1. Introduction
Vascular access port implantation procedures are mainly performed under local infiltration anesthesia. A common technique is venipuncture of the right or left internal jugular vein with insertion of the catheter into the superior vena cava, at the border of its junction with the right atrium [
1,
2]. The procedure of vascular access port implantation can also be performed by venesection, inserting the catheter into one of the veins of the arm in the region of the deltopectoral groove. In most cases, it is the cephalic vein. The port chamber is implanted into the subcutaneous pocket created in the ipsilateral subclavian region [
3,
4]. This method eliminates the need for catheter tunnelling. It is also possible to implant a vascular access port catheter by performing subclavian vein venipuncture [
1].
An alternative method of infiltration anesthesia for vascular access port implantation is the use of regional compartmental pectoral nerve block type II (PECS II) block [
5]. PECS II is a modification of PECS I block, in which, after local anesthesia (LA) deposition between the pectoral muscles, a dose of local anesthetic is additionally administered to the fascial compartment between the pectoralis minor muscle and the serratus anterior muscle, blocking the lateral branches of the intercostal nerves Th2–4, the intercostobrachial nerve, and the long thoracic nerve [
6,
7]. PECS II can be used for the procedures described above as well as for more extensive breast surgery procedures (mastectomy, quadrantectomy) [
8]. For the identification of fascial spaces, the ultrasound technique is used, with a linear transducer (5–12 MHz).
The aim of this study was to evaluate the effectiveness and safety of the modified PECS II block in anesthesia for vascular access port implantation procedures using cephalic vein venesection. In addition, patient comfort during and after the procedure and operator comfort during the vascular access port implantation procedure were assessed, also in the case of procedures lasting more than 60 min and in obese patients. The primary hypothesis of the study was that the PECS II block would be an effective and safe method of anesthesia regarding risk and complications’ reduction for the vascular access port implantation procedure using the venesection method.
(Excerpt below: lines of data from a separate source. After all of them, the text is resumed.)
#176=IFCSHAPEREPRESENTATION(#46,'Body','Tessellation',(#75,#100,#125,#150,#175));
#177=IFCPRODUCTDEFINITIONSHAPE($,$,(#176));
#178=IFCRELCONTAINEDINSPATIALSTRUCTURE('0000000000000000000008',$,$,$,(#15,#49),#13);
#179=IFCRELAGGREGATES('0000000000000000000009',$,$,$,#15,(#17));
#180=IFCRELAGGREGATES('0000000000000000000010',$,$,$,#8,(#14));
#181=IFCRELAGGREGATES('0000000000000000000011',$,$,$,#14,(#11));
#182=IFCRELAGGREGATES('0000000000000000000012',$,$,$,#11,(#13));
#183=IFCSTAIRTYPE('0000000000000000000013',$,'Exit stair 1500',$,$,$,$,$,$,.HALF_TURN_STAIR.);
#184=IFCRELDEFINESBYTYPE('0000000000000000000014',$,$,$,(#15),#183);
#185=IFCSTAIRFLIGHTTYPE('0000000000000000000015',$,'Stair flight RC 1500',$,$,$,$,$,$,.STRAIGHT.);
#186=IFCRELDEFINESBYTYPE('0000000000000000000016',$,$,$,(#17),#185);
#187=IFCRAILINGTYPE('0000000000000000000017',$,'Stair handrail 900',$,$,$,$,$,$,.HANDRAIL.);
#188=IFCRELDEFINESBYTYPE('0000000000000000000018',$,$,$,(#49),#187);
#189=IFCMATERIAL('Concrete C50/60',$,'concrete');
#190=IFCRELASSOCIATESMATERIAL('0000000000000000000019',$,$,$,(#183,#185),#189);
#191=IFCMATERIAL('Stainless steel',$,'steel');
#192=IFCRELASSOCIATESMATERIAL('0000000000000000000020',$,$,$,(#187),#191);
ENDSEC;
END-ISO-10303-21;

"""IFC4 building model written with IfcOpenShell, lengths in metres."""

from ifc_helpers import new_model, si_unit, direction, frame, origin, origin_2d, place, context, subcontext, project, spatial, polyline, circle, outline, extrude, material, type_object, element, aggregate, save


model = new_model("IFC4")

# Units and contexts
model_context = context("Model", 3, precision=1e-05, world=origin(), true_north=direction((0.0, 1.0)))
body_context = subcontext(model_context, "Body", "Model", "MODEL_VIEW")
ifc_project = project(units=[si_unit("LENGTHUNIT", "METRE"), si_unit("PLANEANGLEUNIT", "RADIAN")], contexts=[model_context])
The secondary hypothesis was that the PECS II block would provide optimal comfort for the patient and operator even during lengthy port implantation procedures and in obese patients.
2. Materials and Methods
2.1. Study Design and Participants
The study was designed as a single-center, retrospective, and observational study. All the patients signed written informed consents for the PECS II block procedure. The study included adult patients of both sexes, aged 22 to 82 years with ASA (American Society of Anesthesiologist) II–IV [
9], treated at the Clinical Oncology Department of the 4th Military Clinical Hospital in Wroclaw in the period from 1 April 2019 to 30 June 2020, qualified for planned vascular access port implantation for treatment with intravenous cycles of chemotherapy for cancer. All the included patients completed a postoperative Quality of Recovery-15 (QoR-15) questionnaire [
10].
The exclusion criteria were as follows: patient under 18 years of age, lack of patient consent, coagulation disorder, known allergy to the studied anesthetics drugs, inflammation at the site of the planned block, missing data in the research protocol, or technical difficulties in the implementation of the block.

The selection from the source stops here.